The key model behind Sora, the breakthrough to achieving AGI?
The contribution of Transformer to the Diffusion process is similar to an engine upgrade.
Sora, who emerged out of nowhere, has crushed other text-to-video models, making global film industry practitioners tremble, injecting a strong stimulant into the surging AI trend, and further solidifying OpenAI's position as the leader in cutting-edge GenAI technology.
However, the technology driving Sora is actually based on the Diffusion Transformer architecture that appeared in the field of artificial intelligence research several years ago.
The most outstanding feature of this architecture is that it allows AI models to surpass previous technological limitations. The larger the parameter scale, the longer the training time, and the larger the training dataset, the better the video generation effect. Sora is a product of this "miraculous effort".
What is a Diffusion Transformer
In machine learning, there are two key concepts: 1) Diffusion; 2) Transformer.
First, let's talk about Diffusion. Most AI models that can generate images and videos, including OpenAI's DALL-E3, rely on a process called Diffusion to output images, videos, audio, and other content.
The working principle of Diffusion is to disrupt training data by continuously adding Gaussian noise (forward process), and then learn to restore the data by reversing this noise (reverse process). That is, random sampled noise is first input into the model, and data is generated through the learning denoising process.
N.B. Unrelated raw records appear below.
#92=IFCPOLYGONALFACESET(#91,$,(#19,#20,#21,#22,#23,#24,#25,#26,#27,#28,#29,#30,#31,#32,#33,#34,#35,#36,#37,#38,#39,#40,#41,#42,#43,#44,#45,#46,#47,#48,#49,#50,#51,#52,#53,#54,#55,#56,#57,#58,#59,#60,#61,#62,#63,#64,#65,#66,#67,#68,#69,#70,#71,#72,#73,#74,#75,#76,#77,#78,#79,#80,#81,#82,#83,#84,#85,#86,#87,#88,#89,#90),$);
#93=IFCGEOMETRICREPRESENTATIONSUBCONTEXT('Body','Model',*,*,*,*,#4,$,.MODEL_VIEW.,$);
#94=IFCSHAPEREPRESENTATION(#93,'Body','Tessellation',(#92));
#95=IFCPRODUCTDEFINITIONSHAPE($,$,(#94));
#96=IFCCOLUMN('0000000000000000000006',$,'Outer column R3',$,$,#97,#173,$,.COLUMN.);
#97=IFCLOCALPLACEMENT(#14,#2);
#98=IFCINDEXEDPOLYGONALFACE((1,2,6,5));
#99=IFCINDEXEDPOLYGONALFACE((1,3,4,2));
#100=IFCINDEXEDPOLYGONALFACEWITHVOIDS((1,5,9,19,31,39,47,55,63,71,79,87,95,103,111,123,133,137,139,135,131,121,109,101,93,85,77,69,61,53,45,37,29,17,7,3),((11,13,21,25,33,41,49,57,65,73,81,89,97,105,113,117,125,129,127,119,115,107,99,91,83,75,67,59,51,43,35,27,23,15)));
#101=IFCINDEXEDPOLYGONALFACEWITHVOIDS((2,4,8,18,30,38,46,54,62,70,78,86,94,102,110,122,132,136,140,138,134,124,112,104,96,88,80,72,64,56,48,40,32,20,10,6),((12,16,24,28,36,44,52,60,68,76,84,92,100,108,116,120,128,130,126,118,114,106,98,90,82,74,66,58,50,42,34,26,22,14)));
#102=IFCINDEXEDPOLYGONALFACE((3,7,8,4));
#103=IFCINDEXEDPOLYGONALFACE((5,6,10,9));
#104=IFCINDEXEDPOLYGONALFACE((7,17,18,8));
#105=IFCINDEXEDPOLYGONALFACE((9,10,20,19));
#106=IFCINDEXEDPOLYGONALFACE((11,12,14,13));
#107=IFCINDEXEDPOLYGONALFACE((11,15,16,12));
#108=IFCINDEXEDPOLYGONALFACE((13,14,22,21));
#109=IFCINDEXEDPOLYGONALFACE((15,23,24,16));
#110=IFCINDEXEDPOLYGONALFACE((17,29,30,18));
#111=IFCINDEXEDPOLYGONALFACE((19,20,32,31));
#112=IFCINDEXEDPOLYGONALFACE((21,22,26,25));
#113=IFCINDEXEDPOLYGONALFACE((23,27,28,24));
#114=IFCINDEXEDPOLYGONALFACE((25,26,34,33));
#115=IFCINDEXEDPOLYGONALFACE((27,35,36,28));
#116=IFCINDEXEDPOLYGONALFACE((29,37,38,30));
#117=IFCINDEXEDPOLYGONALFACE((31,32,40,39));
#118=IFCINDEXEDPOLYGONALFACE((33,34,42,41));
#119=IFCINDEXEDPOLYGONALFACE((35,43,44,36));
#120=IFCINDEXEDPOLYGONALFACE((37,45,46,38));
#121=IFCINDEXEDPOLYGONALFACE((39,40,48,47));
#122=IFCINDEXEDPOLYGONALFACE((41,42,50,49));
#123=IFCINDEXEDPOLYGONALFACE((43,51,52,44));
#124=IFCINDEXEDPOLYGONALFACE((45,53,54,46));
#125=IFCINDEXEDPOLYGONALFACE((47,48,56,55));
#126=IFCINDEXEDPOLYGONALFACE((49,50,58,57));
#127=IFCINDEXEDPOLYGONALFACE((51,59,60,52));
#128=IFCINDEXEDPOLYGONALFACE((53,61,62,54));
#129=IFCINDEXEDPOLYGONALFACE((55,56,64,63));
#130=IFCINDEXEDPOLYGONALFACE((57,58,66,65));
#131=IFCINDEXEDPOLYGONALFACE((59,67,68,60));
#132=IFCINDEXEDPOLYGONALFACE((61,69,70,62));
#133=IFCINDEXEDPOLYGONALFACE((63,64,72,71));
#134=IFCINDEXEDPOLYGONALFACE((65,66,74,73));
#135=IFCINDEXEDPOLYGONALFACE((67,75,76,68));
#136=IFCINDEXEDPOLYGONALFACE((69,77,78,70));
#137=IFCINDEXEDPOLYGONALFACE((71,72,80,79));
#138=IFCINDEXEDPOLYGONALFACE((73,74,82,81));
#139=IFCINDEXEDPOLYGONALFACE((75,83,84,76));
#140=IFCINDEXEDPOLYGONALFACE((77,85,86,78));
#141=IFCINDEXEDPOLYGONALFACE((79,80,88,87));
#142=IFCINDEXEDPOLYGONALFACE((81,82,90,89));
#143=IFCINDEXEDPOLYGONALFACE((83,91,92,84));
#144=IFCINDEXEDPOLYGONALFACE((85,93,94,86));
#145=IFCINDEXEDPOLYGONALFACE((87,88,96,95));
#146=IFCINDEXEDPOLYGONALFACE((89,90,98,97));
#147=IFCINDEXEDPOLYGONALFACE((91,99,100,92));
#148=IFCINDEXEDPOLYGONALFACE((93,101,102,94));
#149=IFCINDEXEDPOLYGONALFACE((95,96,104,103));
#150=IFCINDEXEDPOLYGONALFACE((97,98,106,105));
During the reverse process of the model, diffusion relies on an engine called U-Net to learn to estimate the noise to be removed. However, U-Net is very complex, and its specially designed modules significantly reduce the speed at which diffusion generates data.
Transformer is the technological foundation behind mainstream LLMs such as GPT-4 and Gemini. It can replace U-Net and improve the efficiency of the Diffusion process. Transformer has a unique "attention mechanism". For each input data (such as image noise in Diffusion), Transformer balances the relevance of every other input (other noise in the image) and learns from it to generate results (estimated value of image noise).
The attention mechanism not only makes Transformer simpler than other model architectures but also makes the architecture parallelizable. In simple terms, it means that larger Transformer models can be trained, significantly improving computational capabilities. The concept of Diffusion Transformer was jointly proposed by Xie Saining, a computer professor at New York University, and William Peebles, the current co-director of OpenAI Sora.
Professor Xie Saining mentioned in a media interview:
"The contribution of Transformer to the Diffusion process is similar to upgrading an engine. The introduction of Transformer... signifies a significant leap in scalability and effectiveness. This is particularly evident in models like Sora, which benefit from training on massive video data and utilize higher model parameters to demonstrate the transformative potential of Transformer in large-scale applications."
Sora is the result of "great power comes great responsibility"
According to the analysis by Huafu Securities, the process of generating videos in Sora is roughly as follows:
- Video Encoding: VisualEncoder compresses the original video into a low-dimensional latent space, then decomposes the video into spatiotemporal patches and flattens them into a series of video tokens for processing by the transformer.
- Noise Addition and Denoising: In the diffusion model under the transformer architecture, spatiotemporal patches are conditioned with text, undergo noise addition and denoising successively to reach a decodable state.
- Video Decoding: Mapping the denoised low-dimensional latent representation back to pixel space.
It can be seen that the main feature of Sora is the replacement of the U-Net engine with a transformer. Analyst Shi Xiaojun believes that replacing U-Net with DiT's transformer as the model architecture in Sora has two major advantages:
- Transformer can decompose input videos into 3D patches, similar to how DiT decomposes images into blocks, breaking through limitations such as resolution and size, and can simultaneously process multi-dimensional information in time and space.
- Transformer continues the Scaling Law of OpenAI, with strong scalability. The larger the parameter scale, the longer the training time, and the larger the training dataset, the better the quality of the generated videos. For example, as the training iterations increase, the quality of the video of a puppy in the snow in Sora significantly improves.
However, the biggest drawback of Transformer is its high cost.
The memory requirements of its full attention mechanism will quadratically increase with the length of the input sequence, making it inadequate for processing high-resolution image signals. When dealing with high-dimensional signals like videos, the growth pattern of Transformer will make the computational cost very high. In other words, Sora's birth is the result of OpenAI, backed by Microsoft, burning computational power like crazy. Compared to the U-Net architecture, Transformer highlights the "brutal aesthetics" under the Scaling Law, where the larger the parameter scale, the longer the training time, and the larger the training dataset, the better the video generation effect; furthermore, under the large-scale training of Transformer, the scale effect gradually emerges, unleashing the emergent capability of the model.